Heavy endpoints (content generation, analytics processing) use full Flask:
# Heavy handler (~30MB with Flask, SQLAlchemy, numpy)
from flask import Flask, jsonify
from models import UserMemory
import numpy as np
app = Flask(__name__)
@app.route('/content_duo/generate', methods=['POST'])
def generate_content_duo():
# Complex logic requiring ORM
user = UserMemory.query.filter_by(user_id=request.json['user_id']).first()
# ... generate personalized session ...
return jsonify(session_data)
Trade-off: cold starts are slower, but these are called less frequently.
Per-App Table Prefixing
One RDS instance serves 7+ apps with database-level isolation:
-- Amal app
CREATE TABLE amal_users (...)
CREATE TABLE amal_content_bytes (...)
CREATE TABLE amal_user_memory (...)
-- Thurayya app
CREATE TABLE thurayya_users (...)
CREATE TABLE thurayya_content_bytes (...)
CREATE TABLE thurayya_user_memory (...)
-- Other apps: qais_*, kiDelite_*, etc.
At deploy time, APP_NAME environment variable selects prefix:
app_name = os.getenv('APP_NAME', 'amal') # 'amal', 'thurayya', 'qais', etc.
# Queries dynamically use prefix
table_name = f'{app_name}_users'
cursor.execute(f'SELECT * FROM {table_name} WHERE id = %s', (user_id,))
The Analytics Lake
Problem: Direct database queries for analytics slow down production.
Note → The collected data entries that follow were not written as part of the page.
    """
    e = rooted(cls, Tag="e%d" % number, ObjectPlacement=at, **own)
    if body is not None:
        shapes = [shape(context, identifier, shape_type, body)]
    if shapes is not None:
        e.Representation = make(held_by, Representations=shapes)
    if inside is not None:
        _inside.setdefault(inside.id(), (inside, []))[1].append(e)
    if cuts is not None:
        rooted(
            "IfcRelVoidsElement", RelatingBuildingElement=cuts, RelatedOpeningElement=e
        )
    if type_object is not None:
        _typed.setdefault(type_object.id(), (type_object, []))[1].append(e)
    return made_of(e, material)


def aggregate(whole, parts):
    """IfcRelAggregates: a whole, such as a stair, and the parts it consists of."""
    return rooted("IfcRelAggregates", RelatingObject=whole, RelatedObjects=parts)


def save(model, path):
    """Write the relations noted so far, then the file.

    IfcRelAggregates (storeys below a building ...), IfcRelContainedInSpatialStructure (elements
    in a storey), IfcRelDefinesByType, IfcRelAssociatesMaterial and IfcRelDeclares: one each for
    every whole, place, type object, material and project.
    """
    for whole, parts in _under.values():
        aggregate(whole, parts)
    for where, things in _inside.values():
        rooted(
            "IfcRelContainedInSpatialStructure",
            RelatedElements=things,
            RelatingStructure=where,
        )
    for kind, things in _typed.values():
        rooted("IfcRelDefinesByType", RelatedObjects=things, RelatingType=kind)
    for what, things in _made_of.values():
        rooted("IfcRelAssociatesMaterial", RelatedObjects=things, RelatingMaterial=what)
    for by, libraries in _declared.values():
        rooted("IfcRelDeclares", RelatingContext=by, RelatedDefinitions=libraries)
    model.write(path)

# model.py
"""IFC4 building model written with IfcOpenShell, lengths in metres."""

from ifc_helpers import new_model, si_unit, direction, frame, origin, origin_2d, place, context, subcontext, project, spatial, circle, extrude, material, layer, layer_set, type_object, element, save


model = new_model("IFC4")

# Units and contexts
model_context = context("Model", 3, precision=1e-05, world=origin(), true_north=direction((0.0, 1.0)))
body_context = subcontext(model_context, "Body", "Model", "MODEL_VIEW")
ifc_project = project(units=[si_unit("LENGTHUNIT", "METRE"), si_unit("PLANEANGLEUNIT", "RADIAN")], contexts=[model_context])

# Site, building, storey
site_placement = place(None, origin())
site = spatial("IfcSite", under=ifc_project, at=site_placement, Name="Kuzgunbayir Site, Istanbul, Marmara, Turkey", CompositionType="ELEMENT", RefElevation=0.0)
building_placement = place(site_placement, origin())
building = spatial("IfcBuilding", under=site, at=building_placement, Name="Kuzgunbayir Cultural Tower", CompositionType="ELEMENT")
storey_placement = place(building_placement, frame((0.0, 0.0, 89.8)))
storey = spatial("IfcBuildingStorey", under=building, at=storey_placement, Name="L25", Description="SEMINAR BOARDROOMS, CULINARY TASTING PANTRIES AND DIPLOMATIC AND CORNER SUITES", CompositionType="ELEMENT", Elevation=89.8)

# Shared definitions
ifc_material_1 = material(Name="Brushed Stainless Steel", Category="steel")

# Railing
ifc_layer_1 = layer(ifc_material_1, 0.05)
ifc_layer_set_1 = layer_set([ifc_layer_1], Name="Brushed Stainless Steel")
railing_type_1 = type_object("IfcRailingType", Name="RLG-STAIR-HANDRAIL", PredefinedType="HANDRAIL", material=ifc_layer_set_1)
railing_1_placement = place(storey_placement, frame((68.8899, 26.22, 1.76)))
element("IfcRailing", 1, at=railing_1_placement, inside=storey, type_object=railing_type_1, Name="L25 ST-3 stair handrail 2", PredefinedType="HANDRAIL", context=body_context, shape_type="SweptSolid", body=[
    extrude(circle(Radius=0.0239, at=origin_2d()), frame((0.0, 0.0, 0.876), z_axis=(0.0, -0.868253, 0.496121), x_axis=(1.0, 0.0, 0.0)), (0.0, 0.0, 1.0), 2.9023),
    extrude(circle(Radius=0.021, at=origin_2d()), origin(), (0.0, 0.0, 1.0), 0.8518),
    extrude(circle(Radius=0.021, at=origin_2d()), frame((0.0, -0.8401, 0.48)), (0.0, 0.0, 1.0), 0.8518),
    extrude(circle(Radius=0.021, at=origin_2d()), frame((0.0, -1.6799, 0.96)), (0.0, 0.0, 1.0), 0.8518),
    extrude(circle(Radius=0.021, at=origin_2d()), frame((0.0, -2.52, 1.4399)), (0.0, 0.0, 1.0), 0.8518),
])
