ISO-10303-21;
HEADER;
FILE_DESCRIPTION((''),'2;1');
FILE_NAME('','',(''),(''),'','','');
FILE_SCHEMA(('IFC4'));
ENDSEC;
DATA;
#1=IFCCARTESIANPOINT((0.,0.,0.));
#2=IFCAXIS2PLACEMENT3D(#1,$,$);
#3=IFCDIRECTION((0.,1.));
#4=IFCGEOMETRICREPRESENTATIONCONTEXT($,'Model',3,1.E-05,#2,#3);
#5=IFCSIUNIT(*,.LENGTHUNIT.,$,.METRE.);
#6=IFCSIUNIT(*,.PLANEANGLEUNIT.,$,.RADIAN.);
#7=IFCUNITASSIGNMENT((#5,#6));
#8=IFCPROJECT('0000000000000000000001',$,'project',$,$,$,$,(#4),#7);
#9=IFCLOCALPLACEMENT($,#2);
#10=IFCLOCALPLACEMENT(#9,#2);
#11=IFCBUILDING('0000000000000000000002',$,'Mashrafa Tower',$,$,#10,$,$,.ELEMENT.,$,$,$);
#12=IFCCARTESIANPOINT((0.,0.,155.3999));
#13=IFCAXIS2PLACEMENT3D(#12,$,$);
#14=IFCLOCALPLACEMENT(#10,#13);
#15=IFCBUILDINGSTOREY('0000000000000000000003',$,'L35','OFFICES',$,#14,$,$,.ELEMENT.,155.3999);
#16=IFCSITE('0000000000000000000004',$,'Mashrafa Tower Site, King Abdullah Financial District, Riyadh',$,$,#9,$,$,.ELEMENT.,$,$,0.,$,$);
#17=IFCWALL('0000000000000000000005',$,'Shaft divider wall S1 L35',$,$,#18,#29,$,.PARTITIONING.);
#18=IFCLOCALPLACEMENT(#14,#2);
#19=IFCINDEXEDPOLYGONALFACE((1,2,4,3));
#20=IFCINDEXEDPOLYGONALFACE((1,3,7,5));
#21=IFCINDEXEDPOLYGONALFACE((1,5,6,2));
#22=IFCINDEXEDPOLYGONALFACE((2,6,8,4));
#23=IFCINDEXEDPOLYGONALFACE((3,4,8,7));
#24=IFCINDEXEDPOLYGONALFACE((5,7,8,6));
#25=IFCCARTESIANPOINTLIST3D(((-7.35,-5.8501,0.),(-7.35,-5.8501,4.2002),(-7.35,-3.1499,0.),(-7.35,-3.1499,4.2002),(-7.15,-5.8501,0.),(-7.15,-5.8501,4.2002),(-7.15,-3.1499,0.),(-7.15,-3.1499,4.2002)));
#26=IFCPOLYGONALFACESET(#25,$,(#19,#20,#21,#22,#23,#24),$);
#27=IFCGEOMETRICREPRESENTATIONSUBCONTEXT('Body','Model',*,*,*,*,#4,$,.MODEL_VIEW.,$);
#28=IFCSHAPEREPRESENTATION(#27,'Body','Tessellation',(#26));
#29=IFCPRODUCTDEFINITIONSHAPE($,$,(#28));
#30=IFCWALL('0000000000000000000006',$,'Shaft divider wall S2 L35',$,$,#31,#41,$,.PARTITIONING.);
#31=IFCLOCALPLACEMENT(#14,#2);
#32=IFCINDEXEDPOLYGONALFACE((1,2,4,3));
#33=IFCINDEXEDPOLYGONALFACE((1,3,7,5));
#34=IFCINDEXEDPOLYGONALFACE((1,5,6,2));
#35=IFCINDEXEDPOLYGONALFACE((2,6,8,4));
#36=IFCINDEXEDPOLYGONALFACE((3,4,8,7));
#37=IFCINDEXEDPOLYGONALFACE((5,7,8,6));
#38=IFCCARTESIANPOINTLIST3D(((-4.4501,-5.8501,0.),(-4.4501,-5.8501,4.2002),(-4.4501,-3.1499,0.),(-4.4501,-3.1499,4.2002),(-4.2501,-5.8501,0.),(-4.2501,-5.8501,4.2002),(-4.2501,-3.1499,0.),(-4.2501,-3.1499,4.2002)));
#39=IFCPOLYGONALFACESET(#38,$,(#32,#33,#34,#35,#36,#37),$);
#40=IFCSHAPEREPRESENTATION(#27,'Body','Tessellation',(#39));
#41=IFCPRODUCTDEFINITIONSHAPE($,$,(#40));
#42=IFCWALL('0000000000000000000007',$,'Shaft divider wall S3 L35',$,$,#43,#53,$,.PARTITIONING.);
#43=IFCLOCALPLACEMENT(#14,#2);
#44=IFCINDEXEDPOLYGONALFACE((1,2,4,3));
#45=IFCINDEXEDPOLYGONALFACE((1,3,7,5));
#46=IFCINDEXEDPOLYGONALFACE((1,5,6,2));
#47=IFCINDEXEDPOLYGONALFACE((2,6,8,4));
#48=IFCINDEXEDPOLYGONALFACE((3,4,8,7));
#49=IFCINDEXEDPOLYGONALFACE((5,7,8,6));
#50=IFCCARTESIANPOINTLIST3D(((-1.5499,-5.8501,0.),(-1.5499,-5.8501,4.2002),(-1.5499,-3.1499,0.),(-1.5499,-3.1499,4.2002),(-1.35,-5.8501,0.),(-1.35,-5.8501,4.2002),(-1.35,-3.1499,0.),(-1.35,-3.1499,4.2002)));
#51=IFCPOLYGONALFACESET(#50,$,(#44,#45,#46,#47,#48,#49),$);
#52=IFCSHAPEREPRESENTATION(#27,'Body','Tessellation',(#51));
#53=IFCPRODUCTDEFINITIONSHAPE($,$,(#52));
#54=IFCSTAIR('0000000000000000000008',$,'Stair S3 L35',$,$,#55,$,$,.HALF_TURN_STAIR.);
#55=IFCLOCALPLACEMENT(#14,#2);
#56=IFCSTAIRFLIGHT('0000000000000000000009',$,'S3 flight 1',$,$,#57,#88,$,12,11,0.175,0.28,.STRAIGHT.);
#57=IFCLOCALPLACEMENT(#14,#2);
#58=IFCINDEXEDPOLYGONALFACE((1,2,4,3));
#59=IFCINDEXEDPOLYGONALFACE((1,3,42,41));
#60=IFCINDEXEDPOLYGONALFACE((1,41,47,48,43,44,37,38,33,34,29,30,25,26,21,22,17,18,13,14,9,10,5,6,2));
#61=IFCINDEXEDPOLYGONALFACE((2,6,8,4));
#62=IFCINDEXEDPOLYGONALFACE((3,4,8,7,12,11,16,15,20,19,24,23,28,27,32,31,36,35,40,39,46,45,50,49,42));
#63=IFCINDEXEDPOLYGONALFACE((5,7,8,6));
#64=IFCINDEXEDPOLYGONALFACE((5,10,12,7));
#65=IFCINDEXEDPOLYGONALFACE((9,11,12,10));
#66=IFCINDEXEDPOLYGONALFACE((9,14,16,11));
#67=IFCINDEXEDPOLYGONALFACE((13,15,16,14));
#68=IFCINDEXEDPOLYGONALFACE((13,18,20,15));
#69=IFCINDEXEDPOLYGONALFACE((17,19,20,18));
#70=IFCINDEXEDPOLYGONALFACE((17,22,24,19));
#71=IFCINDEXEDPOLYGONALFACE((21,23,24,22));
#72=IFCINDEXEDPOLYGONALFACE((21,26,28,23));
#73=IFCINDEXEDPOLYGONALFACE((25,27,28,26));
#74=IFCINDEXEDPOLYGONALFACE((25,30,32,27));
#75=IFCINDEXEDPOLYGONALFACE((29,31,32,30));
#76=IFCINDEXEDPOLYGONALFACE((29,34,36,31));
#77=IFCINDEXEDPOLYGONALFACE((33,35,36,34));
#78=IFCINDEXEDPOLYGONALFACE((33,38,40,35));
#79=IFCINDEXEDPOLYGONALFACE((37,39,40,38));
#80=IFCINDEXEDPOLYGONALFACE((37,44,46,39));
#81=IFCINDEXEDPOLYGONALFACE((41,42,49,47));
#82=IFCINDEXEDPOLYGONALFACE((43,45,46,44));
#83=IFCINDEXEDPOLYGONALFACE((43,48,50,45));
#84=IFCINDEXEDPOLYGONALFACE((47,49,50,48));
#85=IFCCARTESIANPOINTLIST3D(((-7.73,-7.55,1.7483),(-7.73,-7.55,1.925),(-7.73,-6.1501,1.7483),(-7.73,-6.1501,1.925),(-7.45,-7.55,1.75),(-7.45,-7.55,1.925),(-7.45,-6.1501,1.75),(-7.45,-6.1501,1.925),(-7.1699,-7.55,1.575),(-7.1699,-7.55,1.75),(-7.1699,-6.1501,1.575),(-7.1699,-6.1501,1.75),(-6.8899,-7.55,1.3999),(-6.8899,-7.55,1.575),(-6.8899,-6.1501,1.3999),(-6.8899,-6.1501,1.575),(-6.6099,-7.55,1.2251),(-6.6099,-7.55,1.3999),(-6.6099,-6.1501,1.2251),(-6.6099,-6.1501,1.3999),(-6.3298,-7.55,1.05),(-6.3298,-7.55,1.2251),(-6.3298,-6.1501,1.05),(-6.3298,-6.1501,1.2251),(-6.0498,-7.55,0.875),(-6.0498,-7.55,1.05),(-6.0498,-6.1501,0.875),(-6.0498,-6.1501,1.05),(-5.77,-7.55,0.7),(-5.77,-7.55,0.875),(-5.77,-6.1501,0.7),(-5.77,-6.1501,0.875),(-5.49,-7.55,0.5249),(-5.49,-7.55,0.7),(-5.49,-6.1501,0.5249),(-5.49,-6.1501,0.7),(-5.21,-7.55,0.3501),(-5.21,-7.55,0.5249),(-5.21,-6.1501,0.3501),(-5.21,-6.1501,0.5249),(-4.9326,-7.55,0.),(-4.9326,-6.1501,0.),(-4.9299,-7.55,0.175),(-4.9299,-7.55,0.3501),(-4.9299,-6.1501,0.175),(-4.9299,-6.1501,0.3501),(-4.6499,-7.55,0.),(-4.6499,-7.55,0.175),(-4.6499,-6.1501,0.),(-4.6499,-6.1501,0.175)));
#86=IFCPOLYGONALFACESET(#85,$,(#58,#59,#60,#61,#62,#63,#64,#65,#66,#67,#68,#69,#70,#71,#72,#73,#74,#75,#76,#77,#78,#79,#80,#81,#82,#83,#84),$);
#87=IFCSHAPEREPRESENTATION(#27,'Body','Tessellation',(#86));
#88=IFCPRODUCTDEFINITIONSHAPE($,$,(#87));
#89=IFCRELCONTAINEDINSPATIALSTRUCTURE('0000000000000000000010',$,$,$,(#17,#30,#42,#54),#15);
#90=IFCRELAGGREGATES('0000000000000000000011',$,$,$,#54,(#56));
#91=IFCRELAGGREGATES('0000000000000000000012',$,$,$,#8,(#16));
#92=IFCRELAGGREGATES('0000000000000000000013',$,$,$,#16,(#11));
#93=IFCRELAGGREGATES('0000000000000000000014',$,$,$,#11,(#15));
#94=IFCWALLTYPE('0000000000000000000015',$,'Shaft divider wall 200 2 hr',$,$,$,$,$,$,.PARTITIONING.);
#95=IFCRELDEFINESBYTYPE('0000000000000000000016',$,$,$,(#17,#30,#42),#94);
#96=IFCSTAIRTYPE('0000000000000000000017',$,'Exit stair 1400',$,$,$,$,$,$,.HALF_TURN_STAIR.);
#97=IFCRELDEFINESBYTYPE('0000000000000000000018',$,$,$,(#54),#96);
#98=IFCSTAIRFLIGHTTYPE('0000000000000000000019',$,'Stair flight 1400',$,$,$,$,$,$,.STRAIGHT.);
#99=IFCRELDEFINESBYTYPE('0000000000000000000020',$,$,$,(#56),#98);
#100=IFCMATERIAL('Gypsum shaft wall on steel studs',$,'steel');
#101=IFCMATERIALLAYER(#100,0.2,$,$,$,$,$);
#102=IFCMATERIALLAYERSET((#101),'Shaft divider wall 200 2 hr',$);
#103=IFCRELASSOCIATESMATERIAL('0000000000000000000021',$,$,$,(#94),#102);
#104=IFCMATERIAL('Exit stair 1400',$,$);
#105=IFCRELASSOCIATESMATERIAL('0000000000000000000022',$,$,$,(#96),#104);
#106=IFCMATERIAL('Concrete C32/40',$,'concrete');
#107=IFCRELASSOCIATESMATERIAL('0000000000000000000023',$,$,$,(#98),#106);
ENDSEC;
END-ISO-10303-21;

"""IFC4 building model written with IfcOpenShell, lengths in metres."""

from ifc_helpers import new_model, si_unit, direction, frame, frame_2d, origin, place, context, subcontext, project, spatial, polyline, rectangle, outline, extrude, material, layer, layer_set, type_object, element, aggregate, save


model = new_model("IFC4")

# Units and contexts
model_context = context("Model", 3, precision=1e-05, world=origin(), true_north=direction((0.0, 1.0)))
body_context = subcontext(model_context, "Body", "Model", "MODEL_VIEW")
ifc_project = project(units=[si_unit("LENGTHUNIT", "METRE"), si_unit("PLANEANGLEUNIT", "RADIAN")], contexts=[model_context])

# Site, building, storey
site_placement = place(None, origin())
site = spatial("IfcSite", under=ifc_project, at=site_placement, Name="Mashrafa Tower Site, King Abdullah Financial District, Riyadh", CompositionType="ELEMENT", RefElevation=0.0)
building_placement = place(site_placement, origin())
building = spatial("IfcBuilding", under=site, at=building_placement, Name="Mashrafa Tower", CompositionType="ELEMENT")
storey_placement = place(building_placement, frame((0.0, 0.0, 155.3999)))
storey = spatial("IfcBuildingStorey", under=building, at=storey_placement, Name="L35", Description="OFFICES", CompositionType="ELEMENT", Elevation=155.3999)

# Walls
ifc_material_1 = material(Name="Gypsum shaft wall on steel studs", Category="steel")
ifc_layer_1 = layer(ifc_material_1, 0.2)
ifc_layer_set_1 = layer_set([ifc_layer_1], Name="Shaft divider wall 200 2 hr")
wall_type_1 = type_object("IfcWallType", Name="Shaft divider wall 200 2 hr", PredefinedType="PARTITIONING", material=ifc_layer_set_1)
for number, where, z_axis, x_axis, name in (
    (1, (-7.25, -5.8501, 0.0), (0.0, 0.0, 1.0), (0.0, 1.0, 0.0), "Shaft divider wall S1 L35"),
    (2, (-4.3501, -5.8501, 0.0), (0.0, 0.0, 1.0), (0.0, 1.0, 0.0), "Shaft divider wall S2 L35"),
    (3, (-1.45, -5.8501, 0.0), (0.0, 0.0, 1.0), (0.0, 1.0, 0.0), "Shaft divider wall S3 L35"),
):
    element("IfcWall", number, at=place(storey_placement, frame(where, z_axis=z_axis, x_axis=x_axis)), inside=storey, type_object=wall_type_1, Name=name, PredefinedType="PARTITIONING", context=body_context, shape_type="SweptSolid", body=[
        extrude(rectangle(XDim=2.7002, YDim=0.2, at=frame_2d((1.3501, 0.0))), origin(), (0.0, 0.0, 1.0), 4.2002),
    ])

# Stair, stair flight
ifc_material_2 = material(Name="Exit stair 1400")
stair_type = type_object("IfcStairType", Name="Exit stair 1400", PredefinedType="HALF_TURN_STAIR", material=ifc_material_2)
stair_placement = place(storey_placement, origin())
stair = element("IfcStair", 4, at=stair_placement, inside=storey, type_object=stair_type, Name="Stair S3 L35", PredefinedType="HALF_TURN_STAIR")
ifc_material_3 = material(Name="Concrete C32/40", Category="concrete")
stair_flight_type = type_object("IfcStairFlightType", Name="Stair flight 1400", PredefinedType="STRAIGHT", material=ifc_material_3)
stair_flight_placement = place(storey_placement, frame((-4.6499, -6.8501, 0.0), z_axis=(0.0, 0.0, 1.0), x_axis=(-1.0, 0.0, 0.0)))
stair_flight = element("IfcStairFlight", 5, at=stair_flight_placement, type_object=stair_flight_type, Name="S3 flight 1", NumberOfRisers=12, NumberOfTreads=11, PredefinedType="STRAIGHT", RiserHeight=0.175, TreadLength=0.28, context=body_context, shape_type="SweptSolid", body=[
    extrude(outline(polyline([(0.0, 0.0), (0.0, 0.175), (0.28, 0.175), (0.28, 0.3501), (0.5601, 0.3501), (0.5601, 0.5249), (0.8401, 0.5249), (0.8401, 0.7), (1.1201, 0.7), (1.1201, 0.875), (1.3999, 0.875), (1.3999, 1.05), (1.6799, 1.05), (1.6799, 1.2251), (1.96, 1.2251), (1.96, 1.3999), (2.24, 1.3999), (2.24, 1.575), (2.52, 1.575), (2.52, 1.75), (2.8, 1.75), (2.8, 1.925), (3.0801, 1.925), (3.0801, 2.1001), (3.0801, 1.7483), (0.2827, 0.0), (0.0, 0.0)])), frame((0.0, 0.7, 0.0), z_axis=(0.0, -1.0, 0.0), x_axis=(1.0, 0.0, 0.0)), (0.0, 0.0, 1.0), 1.3999),
])
aggregate(stair, [stair_flight])

save(model, "model.ifc")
Running reports locks tables.
Solution: Asynchronous analytics pipeline
[Mobile App]
↓ (sends event)
[API Endpoint] → [SQS Queue] (async)
↓ (immediately responds to app)
↓ (doesn't wait for analytics)
[Kinesis Firehose] (batches events every 5 min or when 100MB reached)
↓
[S3] (partitioned: s3://analytics-lake/amal/2026/03/28/events.parquet)
↓
[AWS Glue] (crawls S3, infers schema)
↓
[Athena] (SQL queries via Presto engine)
↓
[Dashboard] (shows real-time insights)
Dead Letter Queue (DLQ) Pattern
If analytics fails:
SQS → [Firehose fails]
↓
[DLQ receives failed messages]
↓
[Alert sent to ops]
↓
[Production API is unaffected]
Analytics never blocks user requests. Children can learn even if the analytics pipeline is down.
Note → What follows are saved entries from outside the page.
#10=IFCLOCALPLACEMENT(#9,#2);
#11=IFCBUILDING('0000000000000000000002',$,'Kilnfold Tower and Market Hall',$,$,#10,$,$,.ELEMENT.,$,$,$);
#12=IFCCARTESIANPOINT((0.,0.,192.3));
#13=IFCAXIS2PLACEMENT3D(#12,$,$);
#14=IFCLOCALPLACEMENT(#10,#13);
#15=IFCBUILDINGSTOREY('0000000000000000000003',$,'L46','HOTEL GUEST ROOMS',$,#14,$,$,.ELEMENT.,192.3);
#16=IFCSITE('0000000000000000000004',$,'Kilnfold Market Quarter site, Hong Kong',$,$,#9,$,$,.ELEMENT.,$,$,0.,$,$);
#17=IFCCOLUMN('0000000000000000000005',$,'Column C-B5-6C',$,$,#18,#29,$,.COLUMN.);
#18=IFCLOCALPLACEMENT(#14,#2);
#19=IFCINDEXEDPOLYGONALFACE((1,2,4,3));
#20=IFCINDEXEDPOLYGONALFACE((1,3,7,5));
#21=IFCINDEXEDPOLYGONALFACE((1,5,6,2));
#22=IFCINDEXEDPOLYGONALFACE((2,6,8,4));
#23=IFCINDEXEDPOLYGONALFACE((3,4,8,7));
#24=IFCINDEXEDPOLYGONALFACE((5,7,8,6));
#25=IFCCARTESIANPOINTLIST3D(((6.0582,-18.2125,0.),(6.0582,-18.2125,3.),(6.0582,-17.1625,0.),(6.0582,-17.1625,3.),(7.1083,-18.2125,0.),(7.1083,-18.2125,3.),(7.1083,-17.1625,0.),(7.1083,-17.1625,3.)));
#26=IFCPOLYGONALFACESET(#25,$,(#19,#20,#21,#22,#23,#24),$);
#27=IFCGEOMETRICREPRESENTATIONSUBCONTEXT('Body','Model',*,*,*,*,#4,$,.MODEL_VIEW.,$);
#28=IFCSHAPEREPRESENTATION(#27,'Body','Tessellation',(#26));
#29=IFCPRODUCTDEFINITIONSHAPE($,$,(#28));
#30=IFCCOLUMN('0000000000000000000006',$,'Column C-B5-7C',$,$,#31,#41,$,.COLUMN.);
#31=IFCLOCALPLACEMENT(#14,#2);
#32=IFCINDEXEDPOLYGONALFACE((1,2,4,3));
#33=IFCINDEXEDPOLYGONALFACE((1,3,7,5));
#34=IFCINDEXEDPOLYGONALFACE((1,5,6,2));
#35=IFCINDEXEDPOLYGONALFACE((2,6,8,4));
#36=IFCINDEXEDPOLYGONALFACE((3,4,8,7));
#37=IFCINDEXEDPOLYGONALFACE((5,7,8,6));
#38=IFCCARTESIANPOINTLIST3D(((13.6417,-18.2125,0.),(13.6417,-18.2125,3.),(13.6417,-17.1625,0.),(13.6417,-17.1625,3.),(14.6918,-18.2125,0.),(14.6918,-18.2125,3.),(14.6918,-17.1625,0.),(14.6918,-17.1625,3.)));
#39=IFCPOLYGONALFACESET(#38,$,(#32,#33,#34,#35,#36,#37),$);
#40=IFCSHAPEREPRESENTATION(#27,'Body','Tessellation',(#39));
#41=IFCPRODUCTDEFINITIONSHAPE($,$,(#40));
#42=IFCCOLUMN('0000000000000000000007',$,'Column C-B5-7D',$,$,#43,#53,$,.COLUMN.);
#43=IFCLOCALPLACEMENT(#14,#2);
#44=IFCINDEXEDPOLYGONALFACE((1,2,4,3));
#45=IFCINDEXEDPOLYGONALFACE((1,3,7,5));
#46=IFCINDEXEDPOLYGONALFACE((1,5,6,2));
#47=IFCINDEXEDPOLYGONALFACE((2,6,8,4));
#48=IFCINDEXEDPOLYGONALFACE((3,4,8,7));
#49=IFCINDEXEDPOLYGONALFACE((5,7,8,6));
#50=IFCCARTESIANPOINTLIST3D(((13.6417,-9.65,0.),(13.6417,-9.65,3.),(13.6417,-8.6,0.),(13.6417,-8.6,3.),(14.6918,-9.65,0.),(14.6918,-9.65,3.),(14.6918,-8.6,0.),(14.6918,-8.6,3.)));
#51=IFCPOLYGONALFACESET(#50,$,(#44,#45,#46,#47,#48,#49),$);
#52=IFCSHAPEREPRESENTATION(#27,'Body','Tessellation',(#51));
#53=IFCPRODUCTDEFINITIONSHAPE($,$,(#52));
Cost Optimization Strategies
Strategy 1: Thin Lambdas for high-frequency endpoints
- Typical mobile app makes 10-20 API calls per session
- 95,000 active users × 3 sessions/day × 15 calls/session = 4.275M calls/day
- If each call costs $0.0000002 (Lambda pricing), that's $0.86/day
- Reducing cold start time by 10s saves ~$500/month
Strategy 2: RDS Reserved Instances
- Committed 3-year reservation: ~60% discount vs. on-demand
- We use
db.r6i.xlarge(4 vCPU, 32GB RAM): $2,800/month reserved vs. $6,500/month on-demand - Annual savings: ~$50,000
Strategy 3: Caching
- Frequently-accessed data (curriculum, content bytes) cached in ElastiCache (Redis)
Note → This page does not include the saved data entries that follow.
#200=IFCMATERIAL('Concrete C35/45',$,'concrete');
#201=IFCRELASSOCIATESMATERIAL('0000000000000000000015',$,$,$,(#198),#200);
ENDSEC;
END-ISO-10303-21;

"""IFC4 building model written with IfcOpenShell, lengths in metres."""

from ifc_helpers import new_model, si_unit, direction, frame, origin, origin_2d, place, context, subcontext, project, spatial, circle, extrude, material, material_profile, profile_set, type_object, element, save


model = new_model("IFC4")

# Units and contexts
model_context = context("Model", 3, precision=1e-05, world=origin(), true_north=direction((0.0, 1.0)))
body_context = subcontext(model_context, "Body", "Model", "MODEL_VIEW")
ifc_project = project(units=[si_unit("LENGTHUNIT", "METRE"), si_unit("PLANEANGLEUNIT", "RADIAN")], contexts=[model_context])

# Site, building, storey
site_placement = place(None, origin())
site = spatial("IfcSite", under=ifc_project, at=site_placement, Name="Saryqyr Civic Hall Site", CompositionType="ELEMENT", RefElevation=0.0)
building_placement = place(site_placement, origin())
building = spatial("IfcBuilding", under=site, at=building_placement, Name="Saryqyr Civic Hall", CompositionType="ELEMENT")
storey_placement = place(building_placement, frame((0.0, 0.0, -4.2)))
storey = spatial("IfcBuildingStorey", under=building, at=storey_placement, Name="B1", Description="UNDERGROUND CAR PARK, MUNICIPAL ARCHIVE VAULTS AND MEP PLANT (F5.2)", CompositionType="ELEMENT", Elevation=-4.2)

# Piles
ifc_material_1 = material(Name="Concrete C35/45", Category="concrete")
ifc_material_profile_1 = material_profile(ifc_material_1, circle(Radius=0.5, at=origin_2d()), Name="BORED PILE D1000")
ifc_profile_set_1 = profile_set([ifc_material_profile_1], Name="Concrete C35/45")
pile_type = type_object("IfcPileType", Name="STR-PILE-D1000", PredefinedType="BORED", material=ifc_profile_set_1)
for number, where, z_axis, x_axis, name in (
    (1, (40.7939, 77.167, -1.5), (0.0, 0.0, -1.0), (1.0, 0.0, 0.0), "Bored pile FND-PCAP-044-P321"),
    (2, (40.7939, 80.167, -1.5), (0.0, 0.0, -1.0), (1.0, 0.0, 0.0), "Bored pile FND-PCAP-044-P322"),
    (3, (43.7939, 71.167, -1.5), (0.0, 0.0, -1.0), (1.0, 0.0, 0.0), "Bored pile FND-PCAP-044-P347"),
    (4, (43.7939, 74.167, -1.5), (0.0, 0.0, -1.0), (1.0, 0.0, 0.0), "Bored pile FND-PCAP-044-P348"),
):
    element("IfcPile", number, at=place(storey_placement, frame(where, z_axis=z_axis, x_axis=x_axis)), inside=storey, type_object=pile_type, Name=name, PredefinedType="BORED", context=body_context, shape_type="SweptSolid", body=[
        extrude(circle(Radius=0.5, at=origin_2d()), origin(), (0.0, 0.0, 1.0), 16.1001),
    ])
- Reduces RDS queries by 70%
- Cost: $800/month for cache, saves $2,000/month in RDS
Serving 7+ Apps from One Codebase
| App | Prefix | DB Tables | Lambda Stack | Status |
|---|---|---|---|---|
| Amal | amal_ |
40+ tables | Shared | Production |
| Thurayya | thurayya_ |
40+ tables | Shared | Production |
| Qais | qais_ |
35+ tables | Shared | Beta |
| KidElite | kidelite_ |
40+ tables | Shared | Production |
| Alphazed School | school_ |
50+ tables | Shared | Beta |
| Alphazed Montessori | montessori_ |
45+ tables | Shared | Internal |
One backend, one deployment pipeline, 6 simultaneous apps. New app launch: weeks instead of months.
FAQ
Q: Doesn't Lambda have a 15-minute timeout limit? A: Lambda has a 15-minute max timeout, but we rarely need long-running requests. Heavy workloads (content generation, large exports) use async jobs with SQS + Step Functions.
Q: What if the database goes down? A: RDS has Multi-AZ failover (primary + standby replica). Failover is automatic and takes ~60 seconds. Clients see brief timeouts but recovery is fast.
Q: How do you handle database connection pooling with stateless Lambda? A: Each Lambda instance maintains a connection pool (reused across warm invocations). Cold starts get fresh connections. RDS Proxy sits between Lambda and RDS to manage connection limits.